Norris Needs a Big Weekend

Canada may prove to be one of the most expensive races of Norris's season.

He arrived only eight points behind Leclerc and left 17 points adrift.

The difference between those two positions is enormous psychologically.

Instead of attacking the championship lead, Norris now finds himself trying to rebuild momentum.

Fortunately for McLaren, Monaco is often a circuit where individual driver brilliance can overcome small performance deficits.

If Norris can qualify near the front, he has every chance of returning to the podium and dragging VELO back into contention.

Piastri's Opportunity

Oscar Piastri's season has quietly become one of the most interesting stories in the championship.

After Miami, he looked capable of becoming a genuine supporting weapon in McLaren's title challenge.

Canada was a setback, but not necessarily a disaster.

The Australian remains on 45 points and still occupies fourth place in the standings.

Monaco offers an opportunity to reset.

A strong result from Piastri could be just as important as anything Norris achieves because Ferrari's biggest advantage right now is having both drivers consistently scoring points.

McLaren need the same.

Cadillac and 77 Still Searching

For Cadillac and 77, Monaco represents another opportunity to finally get off the mark.

Valtteri Bottas finished 16th in Canada and remains the only driver in the Nicotine Pouch Formula 1 Championship without a point.

That sounds bleak, but Monaco can produce unusual results.

Safety Cars, red flags, strategy gambles and reliability problems have historically created opportunities for midfield teams to steal points.

The challenge for Cadillac is being close enough to take advantage when those opportunities appear.

At the moment, that remains easier said than done.

The Wider Formula 1 Picture

Outside the nicotine pouch championship, the biggest story remains Kimi Antonelli.

The Mercedes driver arrives in Monaco having won four consecutive Grands Prix and holding a 43-point lead over team-mate George Russell.

Canada saw the pair engage in one of the most intense intra-team battles of the season before Russell retired with a power unit failure.

Monaco could become a defining moment in that championship fight.

Another Antonelli victory would strengthen his grip on the title. A Russell comeback would keep the battle alive.

Either way, the Mercedes rivalry is rapidly becoming the dominant story of the 2026 Formula 1 season.

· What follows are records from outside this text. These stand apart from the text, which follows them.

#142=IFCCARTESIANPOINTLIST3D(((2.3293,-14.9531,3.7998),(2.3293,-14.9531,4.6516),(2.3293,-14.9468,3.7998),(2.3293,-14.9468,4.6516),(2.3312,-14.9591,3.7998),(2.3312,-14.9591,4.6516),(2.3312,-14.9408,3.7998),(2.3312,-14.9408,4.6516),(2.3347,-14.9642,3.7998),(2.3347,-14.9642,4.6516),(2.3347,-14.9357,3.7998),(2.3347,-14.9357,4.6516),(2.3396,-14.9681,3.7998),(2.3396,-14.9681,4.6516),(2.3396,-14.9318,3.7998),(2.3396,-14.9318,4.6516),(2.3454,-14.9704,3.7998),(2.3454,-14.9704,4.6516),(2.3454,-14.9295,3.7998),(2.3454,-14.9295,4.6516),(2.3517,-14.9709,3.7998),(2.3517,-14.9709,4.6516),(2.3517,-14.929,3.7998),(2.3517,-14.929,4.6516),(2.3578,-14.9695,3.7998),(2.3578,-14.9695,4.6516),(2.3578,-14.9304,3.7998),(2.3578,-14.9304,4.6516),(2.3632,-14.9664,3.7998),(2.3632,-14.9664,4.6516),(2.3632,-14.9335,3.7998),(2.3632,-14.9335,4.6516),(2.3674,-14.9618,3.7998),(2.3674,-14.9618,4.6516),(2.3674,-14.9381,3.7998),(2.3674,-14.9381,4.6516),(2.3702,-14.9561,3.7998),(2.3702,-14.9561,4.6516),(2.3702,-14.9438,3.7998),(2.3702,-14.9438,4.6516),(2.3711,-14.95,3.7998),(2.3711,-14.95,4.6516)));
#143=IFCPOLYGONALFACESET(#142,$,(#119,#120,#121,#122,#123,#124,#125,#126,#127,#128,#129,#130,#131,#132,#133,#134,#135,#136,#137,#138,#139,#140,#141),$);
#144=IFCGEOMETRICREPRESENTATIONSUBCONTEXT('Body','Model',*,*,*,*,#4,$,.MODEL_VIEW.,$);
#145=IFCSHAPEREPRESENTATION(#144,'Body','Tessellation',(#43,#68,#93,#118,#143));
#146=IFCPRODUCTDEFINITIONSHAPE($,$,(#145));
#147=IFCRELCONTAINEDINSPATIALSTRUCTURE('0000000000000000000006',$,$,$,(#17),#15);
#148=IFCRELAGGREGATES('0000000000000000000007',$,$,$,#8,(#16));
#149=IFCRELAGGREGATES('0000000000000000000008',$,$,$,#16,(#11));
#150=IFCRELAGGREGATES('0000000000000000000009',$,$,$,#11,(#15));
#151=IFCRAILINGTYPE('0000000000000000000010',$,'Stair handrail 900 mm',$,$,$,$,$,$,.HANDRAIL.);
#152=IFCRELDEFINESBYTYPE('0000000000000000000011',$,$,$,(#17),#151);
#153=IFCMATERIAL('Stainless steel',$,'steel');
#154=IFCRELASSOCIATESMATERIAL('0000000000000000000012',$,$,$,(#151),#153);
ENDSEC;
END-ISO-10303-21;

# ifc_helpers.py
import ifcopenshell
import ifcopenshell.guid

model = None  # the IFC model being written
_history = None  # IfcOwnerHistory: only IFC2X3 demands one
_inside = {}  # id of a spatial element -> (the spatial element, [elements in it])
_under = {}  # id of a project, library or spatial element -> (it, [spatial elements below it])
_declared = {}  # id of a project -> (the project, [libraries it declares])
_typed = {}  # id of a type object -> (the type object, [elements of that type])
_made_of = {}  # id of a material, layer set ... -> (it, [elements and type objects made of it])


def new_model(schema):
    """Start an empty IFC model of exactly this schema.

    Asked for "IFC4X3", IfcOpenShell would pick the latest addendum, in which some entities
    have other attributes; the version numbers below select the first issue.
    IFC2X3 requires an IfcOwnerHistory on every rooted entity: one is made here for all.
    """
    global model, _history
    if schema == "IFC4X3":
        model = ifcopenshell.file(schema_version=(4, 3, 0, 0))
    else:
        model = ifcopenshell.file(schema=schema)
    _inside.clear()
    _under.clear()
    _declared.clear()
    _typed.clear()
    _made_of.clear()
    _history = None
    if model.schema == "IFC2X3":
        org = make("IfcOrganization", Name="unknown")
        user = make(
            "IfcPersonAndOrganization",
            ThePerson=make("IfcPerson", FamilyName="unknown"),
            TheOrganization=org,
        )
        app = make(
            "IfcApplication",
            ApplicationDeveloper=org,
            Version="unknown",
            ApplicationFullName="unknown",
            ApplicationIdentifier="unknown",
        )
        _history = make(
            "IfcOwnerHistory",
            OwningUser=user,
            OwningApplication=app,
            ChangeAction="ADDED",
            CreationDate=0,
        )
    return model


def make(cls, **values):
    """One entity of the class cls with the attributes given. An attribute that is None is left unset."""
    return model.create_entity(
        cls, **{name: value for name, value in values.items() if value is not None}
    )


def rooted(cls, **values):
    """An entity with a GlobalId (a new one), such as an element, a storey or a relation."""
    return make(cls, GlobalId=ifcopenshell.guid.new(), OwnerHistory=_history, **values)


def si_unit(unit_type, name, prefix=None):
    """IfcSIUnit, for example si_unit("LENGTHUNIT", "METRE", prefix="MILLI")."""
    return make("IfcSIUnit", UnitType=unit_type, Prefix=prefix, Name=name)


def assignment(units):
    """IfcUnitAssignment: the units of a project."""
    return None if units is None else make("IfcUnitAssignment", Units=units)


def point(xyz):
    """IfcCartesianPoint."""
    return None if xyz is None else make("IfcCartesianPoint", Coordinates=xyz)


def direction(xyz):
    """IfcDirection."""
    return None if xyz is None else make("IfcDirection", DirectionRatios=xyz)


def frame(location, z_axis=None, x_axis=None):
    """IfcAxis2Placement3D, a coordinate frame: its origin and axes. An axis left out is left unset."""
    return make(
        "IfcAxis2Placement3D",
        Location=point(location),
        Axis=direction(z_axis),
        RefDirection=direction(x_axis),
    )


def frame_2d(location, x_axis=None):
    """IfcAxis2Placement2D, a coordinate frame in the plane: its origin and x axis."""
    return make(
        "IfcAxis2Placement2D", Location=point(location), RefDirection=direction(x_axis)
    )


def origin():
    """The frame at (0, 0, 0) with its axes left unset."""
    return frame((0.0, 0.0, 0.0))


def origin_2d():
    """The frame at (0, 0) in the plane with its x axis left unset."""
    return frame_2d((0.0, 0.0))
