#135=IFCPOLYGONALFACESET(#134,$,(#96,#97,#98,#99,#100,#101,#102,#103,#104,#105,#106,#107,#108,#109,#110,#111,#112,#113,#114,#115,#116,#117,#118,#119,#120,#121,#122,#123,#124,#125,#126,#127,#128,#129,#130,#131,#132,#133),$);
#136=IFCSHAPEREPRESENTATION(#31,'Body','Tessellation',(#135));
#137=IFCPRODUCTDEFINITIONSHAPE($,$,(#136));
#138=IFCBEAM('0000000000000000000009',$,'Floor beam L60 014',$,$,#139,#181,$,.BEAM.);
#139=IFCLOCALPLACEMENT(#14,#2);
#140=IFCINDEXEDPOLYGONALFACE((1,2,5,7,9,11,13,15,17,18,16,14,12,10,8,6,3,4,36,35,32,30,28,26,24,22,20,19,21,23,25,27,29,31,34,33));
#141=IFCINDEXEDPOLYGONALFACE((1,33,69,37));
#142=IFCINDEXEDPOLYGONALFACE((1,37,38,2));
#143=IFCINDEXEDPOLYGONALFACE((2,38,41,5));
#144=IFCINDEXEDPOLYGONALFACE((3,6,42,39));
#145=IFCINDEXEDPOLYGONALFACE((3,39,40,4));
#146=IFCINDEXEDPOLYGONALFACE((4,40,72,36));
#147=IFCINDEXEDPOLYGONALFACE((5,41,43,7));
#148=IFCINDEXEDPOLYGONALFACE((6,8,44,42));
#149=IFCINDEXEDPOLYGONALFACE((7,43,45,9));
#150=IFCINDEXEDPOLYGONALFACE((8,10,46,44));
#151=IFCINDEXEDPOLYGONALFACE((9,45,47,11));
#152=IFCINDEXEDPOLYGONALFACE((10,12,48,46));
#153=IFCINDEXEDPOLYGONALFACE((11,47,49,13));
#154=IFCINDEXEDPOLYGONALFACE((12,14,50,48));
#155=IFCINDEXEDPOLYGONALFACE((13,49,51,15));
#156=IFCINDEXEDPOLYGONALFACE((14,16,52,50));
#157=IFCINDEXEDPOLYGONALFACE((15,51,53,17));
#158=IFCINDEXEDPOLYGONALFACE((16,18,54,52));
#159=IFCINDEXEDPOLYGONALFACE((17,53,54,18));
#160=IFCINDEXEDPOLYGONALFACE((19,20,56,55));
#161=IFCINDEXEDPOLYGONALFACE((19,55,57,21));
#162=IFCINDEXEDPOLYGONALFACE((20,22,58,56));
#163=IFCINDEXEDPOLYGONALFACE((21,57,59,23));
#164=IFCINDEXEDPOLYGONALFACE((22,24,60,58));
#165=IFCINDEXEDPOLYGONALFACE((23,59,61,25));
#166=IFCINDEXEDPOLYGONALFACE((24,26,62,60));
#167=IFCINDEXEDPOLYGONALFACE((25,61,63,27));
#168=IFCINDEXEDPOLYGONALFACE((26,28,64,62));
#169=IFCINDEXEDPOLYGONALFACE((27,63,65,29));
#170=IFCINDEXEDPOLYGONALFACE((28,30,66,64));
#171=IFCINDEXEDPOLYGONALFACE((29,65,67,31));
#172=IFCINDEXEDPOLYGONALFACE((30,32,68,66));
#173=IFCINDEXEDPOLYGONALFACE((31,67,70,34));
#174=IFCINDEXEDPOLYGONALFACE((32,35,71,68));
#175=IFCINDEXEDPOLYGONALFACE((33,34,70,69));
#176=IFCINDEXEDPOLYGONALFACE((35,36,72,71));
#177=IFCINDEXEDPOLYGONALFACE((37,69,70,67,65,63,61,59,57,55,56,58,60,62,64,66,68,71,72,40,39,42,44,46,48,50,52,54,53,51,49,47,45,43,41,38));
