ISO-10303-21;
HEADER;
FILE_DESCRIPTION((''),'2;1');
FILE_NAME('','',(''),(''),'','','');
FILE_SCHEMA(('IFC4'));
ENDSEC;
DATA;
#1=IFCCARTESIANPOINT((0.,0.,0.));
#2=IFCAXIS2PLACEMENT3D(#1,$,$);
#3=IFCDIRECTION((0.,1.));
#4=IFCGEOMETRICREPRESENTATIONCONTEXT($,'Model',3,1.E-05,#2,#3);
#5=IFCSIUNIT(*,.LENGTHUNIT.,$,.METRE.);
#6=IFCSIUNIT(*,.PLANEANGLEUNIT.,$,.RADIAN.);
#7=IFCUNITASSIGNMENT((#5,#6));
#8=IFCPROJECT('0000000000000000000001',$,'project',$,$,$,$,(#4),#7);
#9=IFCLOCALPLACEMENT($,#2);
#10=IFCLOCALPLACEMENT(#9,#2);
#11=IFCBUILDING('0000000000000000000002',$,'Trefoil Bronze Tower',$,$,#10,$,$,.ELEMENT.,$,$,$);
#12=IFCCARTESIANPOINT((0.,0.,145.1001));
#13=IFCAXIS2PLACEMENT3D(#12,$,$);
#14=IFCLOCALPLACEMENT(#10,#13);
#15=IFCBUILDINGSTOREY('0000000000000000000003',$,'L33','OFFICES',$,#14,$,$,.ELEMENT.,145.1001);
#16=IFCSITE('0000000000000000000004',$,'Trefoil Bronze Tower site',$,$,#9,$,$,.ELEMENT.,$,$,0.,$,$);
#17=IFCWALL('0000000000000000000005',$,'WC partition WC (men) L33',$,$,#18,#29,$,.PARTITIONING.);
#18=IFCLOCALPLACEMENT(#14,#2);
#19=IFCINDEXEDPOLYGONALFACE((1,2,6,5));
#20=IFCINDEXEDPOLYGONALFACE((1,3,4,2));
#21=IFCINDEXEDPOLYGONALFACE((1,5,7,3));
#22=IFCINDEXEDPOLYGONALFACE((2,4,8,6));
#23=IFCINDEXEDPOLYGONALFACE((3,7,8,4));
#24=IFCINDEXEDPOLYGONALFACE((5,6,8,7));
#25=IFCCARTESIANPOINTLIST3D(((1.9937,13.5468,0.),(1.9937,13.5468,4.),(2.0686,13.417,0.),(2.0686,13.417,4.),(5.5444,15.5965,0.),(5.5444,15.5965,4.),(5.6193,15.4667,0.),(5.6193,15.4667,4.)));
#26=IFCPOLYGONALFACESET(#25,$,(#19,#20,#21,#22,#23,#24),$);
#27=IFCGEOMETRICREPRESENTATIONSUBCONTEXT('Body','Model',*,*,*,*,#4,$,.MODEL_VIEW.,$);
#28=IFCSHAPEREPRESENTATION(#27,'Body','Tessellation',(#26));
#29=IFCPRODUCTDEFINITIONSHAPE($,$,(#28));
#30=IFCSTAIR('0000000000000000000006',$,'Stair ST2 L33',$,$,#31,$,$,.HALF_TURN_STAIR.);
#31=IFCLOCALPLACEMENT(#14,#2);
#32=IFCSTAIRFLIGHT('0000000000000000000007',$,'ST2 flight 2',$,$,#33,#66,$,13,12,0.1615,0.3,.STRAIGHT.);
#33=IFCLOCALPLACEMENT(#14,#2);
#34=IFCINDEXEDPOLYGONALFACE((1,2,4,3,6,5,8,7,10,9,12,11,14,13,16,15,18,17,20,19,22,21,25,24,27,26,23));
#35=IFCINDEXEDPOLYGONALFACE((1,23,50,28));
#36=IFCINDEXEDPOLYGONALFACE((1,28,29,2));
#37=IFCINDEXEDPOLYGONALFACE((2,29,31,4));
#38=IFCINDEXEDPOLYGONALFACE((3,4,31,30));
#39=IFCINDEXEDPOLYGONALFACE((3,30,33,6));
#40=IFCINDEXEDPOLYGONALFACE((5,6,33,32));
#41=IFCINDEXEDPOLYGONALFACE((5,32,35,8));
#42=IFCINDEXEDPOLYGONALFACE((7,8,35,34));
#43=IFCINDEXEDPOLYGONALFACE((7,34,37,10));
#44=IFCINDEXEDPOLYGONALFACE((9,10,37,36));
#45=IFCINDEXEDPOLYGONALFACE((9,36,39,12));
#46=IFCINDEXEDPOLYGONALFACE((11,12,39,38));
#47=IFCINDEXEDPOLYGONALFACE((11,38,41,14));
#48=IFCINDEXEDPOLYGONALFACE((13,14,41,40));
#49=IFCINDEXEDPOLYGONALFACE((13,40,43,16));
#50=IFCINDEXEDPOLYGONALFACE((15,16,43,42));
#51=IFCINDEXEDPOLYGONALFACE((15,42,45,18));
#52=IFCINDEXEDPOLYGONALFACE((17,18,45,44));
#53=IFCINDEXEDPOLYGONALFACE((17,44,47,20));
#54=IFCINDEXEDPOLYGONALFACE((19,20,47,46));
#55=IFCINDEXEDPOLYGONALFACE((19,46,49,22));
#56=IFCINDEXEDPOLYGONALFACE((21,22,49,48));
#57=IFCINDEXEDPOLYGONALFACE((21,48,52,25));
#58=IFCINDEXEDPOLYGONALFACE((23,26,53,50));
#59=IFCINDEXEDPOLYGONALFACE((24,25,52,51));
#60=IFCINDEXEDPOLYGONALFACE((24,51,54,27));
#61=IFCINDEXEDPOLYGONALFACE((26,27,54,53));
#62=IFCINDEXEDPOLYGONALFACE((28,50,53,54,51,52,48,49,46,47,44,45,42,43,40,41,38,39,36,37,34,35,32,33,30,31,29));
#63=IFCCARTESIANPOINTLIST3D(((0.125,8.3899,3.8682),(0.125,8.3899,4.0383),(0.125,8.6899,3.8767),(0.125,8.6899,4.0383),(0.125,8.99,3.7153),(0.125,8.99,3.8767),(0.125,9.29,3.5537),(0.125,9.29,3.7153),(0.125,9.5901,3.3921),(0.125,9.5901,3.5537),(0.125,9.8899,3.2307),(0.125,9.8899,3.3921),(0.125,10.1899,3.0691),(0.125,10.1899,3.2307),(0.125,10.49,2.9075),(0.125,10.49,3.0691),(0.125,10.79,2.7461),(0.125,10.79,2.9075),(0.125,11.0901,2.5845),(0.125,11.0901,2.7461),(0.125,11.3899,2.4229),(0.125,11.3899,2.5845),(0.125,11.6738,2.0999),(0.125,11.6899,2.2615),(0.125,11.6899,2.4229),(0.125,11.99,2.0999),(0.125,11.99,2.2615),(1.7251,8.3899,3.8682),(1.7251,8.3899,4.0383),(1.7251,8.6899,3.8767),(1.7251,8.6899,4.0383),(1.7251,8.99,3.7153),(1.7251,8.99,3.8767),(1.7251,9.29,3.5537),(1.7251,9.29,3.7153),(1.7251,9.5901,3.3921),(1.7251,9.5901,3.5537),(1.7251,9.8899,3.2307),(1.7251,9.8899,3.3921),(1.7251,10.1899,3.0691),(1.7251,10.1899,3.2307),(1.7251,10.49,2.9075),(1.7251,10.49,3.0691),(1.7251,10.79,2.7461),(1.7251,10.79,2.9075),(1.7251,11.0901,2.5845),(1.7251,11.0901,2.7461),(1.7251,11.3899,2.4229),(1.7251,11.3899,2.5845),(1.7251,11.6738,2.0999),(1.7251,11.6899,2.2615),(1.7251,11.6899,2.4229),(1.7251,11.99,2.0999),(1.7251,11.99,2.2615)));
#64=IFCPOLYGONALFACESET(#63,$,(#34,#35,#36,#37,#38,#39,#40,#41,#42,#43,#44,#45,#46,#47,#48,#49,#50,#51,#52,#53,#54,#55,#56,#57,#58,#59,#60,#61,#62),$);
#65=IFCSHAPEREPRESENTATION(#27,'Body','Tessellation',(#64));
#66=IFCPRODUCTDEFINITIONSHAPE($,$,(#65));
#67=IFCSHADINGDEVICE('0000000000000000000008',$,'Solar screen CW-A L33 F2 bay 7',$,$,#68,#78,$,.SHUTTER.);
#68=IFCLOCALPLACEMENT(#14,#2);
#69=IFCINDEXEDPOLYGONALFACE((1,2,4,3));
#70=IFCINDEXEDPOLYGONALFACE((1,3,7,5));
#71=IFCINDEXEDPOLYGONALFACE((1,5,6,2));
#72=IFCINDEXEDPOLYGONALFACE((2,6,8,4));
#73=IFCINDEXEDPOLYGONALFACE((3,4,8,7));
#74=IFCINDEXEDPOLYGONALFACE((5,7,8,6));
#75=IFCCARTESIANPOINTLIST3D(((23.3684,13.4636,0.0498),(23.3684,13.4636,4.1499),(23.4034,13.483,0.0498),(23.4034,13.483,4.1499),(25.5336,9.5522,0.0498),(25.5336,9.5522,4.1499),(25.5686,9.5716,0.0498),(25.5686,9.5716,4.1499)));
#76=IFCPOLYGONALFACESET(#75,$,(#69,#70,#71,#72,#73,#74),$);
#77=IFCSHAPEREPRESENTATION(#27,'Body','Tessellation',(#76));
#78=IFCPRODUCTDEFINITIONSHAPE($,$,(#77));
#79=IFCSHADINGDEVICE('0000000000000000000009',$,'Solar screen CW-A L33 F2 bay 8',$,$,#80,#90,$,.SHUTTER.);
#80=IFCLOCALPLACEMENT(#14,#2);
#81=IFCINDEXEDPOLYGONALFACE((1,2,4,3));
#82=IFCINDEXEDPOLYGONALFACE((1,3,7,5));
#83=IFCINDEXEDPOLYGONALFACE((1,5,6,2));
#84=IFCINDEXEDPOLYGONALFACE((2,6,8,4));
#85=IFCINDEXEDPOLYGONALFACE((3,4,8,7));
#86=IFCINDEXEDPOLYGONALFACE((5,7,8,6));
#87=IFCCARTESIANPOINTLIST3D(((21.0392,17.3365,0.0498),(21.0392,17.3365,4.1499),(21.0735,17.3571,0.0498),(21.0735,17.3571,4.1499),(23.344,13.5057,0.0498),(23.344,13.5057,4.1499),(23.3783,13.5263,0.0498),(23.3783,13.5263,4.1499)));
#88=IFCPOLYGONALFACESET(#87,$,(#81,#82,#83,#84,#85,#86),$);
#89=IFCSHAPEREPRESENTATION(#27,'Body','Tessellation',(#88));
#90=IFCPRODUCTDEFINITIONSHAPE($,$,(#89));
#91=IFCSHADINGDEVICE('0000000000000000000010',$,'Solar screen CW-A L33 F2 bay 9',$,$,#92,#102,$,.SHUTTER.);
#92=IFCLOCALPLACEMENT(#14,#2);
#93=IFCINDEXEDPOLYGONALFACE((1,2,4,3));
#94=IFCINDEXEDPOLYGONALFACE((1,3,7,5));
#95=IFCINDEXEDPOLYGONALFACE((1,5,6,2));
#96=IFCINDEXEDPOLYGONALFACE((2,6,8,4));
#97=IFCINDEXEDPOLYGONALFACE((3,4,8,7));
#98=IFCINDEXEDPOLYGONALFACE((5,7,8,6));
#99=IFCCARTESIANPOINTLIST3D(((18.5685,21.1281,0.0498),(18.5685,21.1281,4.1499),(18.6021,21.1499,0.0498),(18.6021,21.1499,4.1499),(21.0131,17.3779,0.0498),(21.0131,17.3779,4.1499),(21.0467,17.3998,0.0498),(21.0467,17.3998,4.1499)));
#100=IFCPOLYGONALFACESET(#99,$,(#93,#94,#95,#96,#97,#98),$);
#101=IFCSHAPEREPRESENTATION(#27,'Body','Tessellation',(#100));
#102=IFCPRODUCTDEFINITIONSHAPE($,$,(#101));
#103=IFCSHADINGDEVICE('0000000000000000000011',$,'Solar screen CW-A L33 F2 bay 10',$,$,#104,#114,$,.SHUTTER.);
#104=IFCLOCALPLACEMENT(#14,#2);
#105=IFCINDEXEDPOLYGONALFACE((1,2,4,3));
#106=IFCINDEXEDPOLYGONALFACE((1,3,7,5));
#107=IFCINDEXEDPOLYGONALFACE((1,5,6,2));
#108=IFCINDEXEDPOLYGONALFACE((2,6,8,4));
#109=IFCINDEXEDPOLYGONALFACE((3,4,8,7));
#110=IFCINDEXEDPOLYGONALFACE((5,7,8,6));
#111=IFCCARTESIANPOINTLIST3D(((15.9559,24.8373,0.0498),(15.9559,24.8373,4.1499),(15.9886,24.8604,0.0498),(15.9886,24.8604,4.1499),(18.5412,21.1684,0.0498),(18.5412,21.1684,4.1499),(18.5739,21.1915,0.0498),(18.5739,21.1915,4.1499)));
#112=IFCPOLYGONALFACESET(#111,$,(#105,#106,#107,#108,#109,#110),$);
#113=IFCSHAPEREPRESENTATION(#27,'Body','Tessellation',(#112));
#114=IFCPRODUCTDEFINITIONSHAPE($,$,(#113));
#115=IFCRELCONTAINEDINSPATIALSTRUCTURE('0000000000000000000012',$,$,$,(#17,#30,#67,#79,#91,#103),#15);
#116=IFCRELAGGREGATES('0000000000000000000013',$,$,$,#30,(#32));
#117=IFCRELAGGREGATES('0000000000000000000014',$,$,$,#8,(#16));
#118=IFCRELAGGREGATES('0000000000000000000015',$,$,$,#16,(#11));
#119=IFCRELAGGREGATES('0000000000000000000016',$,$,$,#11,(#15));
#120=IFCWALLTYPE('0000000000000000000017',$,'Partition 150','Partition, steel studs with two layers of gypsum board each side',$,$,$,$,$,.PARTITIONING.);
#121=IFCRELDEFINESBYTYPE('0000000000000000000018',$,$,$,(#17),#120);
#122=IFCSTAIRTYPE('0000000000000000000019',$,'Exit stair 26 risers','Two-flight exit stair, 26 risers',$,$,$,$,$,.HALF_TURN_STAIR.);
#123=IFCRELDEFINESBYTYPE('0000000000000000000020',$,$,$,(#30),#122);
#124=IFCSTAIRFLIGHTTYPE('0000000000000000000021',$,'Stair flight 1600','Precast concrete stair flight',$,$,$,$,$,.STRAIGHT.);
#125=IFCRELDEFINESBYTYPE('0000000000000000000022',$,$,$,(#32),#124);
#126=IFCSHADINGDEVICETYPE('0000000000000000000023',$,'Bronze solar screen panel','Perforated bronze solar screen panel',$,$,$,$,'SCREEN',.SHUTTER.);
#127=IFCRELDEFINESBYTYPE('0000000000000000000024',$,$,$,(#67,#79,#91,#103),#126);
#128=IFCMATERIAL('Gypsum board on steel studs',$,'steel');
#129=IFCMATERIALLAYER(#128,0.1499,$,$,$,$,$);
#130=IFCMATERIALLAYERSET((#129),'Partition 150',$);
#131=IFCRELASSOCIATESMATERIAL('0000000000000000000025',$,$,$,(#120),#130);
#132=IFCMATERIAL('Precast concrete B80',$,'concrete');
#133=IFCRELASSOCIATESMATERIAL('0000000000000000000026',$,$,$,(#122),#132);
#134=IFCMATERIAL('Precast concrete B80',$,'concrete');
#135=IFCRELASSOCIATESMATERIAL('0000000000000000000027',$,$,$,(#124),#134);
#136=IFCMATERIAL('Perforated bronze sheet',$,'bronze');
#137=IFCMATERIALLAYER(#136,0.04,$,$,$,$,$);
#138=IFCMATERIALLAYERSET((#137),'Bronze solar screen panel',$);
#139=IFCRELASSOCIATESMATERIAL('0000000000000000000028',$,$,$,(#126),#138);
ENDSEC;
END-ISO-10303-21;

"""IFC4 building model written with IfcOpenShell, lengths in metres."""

from ifc_helpers import new_model, si_unit, direction, frame, frame_2d, origin, origin_2d, place, context, subcontext, project, spatial, polyline, rectangle, outline, extrude, material, layer, layer_set, type_object, element, aggregate, save


model = new_model("IFC4")

# Units and contexts
model_context = context("Model", 3, precision=1e-05, world=origin(), true_north=direction((0.0, 1.0)))
body_context = subcontext(model_context, "Body", "Model", "MODEL_VIEW")
ifc_project = project(units=[si_unit("LENGTHUNIT", "METRE"), si_unit("PLANEANGLEUNIT", "RADIAN")], contexts=[model_context])

# Site, building, storey
site_placement = place(None, origin())
site = spatial("IfcSite", under=ifc_project, at=site_placement, Name="Trefoil Bronze Tower site", CompositionType="ELEMENT", RefElevation=0.0)
building_placement = place(site_placement, origin())
building = spatial("IfcBuilding", under=site, at=building_placement, Name="Trefoil Bronze Tower", CompositionType="ELEMENT")
storey_placement = place(building_placement, frame((0.0, 0.0, 145.1001)))
storey = spatial("IfcBuildingStorey", under=building, at=storey_placement, Name="L33", Description="OFFICES", CompositionType="ELEMENT", Elevation=145.1001)

# Wall
ifc_material_1 = material(Name="Gypsum board on steel studs", Category="steel")
ifc_layer_1 = layer(ifc_material_1, 0.1499)
ifc_layer_set_1 = layer_set([ifc_layer_1], Name="Partition 150")
wall_type_1 = type_object("IfcWallType", Name="Partition 150", Description="Partition, steel studs with two layers of gypsum board each side", PredefinedType="PARTITIONING", material=ifc_layer_set_1)
wall_1_placement = place(storey_placement, frame((2.0312, 13.4819, 0.0), z_axis=(0.0, 0.0, 1.0), x_axis=(0.866051, 0.499956, 0.0)))
element("IfcWall", 1, at=wall_1_placement, inside=storey, type_object=wall_type_1, Name="WC partition WC (men) L33", PredefinedType="PARTITIONING", context=body_context, shape_type="SweptSolid", body=[
    extrude(rectangle(XDim=4.0999, YDim=0.1499, at=frame_2d((2.0498, 0.0))), origin(), (0.0, 0.0, 1.0), 4.0),
])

What to Watch This Weekend

There are several major questions heading into Monaco.

Can Charles Leclerc finally enjoy a straightforward home weekend?

Can Lewis Hamilton continue his climb towards the top of the championship?

Can McLaren and VELO recover from their Canadian disaster?

Can Oscar Piastri rediscover the form that put him on the podium in Miami?

Can Valtteri Bottas finally score Cadillac's first points?

And perhaps most importantly, can anyone stop Ferrari and ZYN from tightening their grip on the Nicotine Pouch Formula 1 Championship?

After Canada, the pressure has shifted once again.

Ferrari and ZYN arrive in Monaco leading both championships.

McLaren and VELO desperately need a response.

Cadillac and 77 are still waiting for their season to begin.

And in Monaco, where the barriers are unforgiving and mistakes are magnified, anything can happen.